Ah German engineering, you can’t go wrong. Or, can you?
While the company and the companies under its wide umbrella may have been criticised for its involvement in the 2015 emissions scandal, something that it is still paying for, Volkswagen’s reliability is rarely thrown into question. The assumption is that because it’s a German car, it’s going to be reliable.
In 2013, WarrantyDirect (who also run ReliabilityIndex) conducted a study that revealed consumers believe vehicles manufactured by German-owned companies are more reliable, while the truth is very different.
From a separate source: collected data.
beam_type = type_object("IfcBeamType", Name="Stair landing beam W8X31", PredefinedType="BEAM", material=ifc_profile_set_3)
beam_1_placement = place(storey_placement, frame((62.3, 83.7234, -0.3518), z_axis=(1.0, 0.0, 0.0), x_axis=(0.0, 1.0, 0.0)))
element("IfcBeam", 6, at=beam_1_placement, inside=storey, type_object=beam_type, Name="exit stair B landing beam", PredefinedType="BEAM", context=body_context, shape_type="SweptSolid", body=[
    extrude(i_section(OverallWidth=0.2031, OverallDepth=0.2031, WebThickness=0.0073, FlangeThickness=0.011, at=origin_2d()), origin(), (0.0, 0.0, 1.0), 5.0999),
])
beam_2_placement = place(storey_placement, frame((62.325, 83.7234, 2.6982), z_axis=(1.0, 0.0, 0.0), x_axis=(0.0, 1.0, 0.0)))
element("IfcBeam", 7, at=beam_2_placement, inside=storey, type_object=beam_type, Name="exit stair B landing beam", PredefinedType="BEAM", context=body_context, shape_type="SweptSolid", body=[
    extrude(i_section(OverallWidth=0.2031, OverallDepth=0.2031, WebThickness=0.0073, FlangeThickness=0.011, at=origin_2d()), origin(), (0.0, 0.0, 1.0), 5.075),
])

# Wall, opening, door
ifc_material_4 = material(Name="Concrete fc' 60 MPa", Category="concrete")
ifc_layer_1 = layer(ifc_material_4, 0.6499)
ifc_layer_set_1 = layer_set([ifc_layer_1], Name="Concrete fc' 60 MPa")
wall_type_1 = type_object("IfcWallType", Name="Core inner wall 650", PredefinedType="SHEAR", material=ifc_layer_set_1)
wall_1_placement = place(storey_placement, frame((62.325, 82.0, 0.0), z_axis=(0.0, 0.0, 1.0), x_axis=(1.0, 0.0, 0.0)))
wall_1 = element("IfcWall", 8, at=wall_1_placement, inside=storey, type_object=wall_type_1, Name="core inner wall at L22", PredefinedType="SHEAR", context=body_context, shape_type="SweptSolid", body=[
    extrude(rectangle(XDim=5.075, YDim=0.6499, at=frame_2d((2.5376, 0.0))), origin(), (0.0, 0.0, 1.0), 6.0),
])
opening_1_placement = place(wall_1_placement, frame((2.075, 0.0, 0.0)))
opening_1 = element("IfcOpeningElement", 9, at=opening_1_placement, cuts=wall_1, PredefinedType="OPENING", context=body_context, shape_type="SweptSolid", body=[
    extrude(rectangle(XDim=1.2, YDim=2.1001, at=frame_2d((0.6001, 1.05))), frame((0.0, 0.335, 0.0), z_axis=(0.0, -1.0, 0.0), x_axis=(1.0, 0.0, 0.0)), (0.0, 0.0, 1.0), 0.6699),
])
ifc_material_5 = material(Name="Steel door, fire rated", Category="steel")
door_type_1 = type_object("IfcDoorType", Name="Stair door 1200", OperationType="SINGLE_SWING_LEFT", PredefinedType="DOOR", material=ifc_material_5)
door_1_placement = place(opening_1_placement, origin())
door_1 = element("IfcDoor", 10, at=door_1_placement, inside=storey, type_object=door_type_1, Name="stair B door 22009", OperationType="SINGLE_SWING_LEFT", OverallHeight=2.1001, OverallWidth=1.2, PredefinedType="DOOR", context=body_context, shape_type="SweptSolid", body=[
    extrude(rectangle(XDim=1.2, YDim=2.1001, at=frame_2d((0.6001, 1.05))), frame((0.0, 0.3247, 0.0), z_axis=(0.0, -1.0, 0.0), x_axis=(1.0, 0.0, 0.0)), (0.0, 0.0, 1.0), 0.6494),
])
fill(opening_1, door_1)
Evidence from WarrantyDirect’s multiple reports showed that Audi, BMW and Volkswagen were producing some of the least reliable engines available.
So, the question remains. Is Volkswagen reliable? Is the German manufacturer a pioneer of trusty engineering, or is it falling behind Japanese rivals?
In this article, we look at how dependable Volkswagen vehicles are and how VW SUVs, estates, city cars and hatchbacks compare to its main rivals.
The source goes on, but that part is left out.